On the other hand, in Germany, the insurance industry has the wherewithal to insure almost every building in the country against flooding. It wants to do this through the private sector, based on its own regulations and its own risk assessments and price calculations. Homeowners in the country are free to decide whether or not they want to take out insurance. The industry, however, believes that the state should take care of the appropriate preventative measures but that it should not open the coffers after each flood and use taxpayer money to provide financial support for the uninsured.

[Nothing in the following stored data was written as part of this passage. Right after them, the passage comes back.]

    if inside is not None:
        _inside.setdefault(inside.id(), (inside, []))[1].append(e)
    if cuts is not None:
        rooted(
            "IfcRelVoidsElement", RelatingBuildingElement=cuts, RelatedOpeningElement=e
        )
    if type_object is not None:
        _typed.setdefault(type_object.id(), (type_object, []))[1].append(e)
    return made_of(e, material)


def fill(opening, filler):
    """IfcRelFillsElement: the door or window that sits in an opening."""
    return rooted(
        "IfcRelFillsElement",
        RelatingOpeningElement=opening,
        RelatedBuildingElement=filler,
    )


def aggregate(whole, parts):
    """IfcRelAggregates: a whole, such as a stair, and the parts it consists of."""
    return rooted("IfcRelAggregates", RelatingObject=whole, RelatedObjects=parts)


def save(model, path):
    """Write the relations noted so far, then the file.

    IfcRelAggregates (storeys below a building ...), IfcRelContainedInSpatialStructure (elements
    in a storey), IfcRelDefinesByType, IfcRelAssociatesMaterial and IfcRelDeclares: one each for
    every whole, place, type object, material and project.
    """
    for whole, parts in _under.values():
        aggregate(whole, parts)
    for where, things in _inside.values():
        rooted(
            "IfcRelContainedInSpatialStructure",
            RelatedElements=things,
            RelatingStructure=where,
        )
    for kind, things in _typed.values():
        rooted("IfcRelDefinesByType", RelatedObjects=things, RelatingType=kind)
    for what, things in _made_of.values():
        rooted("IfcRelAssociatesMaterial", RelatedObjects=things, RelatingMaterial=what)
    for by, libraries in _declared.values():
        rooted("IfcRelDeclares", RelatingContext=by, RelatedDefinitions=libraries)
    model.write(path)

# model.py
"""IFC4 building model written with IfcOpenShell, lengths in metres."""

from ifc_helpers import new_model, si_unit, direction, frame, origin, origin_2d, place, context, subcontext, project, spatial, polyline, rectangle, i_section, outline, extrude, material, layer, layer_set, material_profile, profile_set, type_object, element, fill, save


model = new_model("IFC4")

Insurance density for natural hazards throughout Germany is at under 50% against insurance density in the new business, which stands at 70% and higher.

It is an established fact that homeowners in the country remain underinsured against extreme weather events. About 2 years ago, devastating summer floods killed more than 180 people in western Germany, but only 52% of houses in the country are covered by a natural hazards’ insurance. Horst Nussbaumer of at insurer Zurich, says: “People were quick to forget extreme weather events, a phenomenon that I call ‘flood dementia’.

However, these floods were the most serious natural disaster in the country for the insurance industry, which paid out 6.7 billion of the 8.4 billion euros in total damage for property insurance. The government also spent billions on support payments, thus compensating for the fact that many of those affected were not insured. Several German states have called for compulsory natural hazard insurance. Insurance companies, however, insist that the Government must do more to prevent floods and adapt to climate change more generally.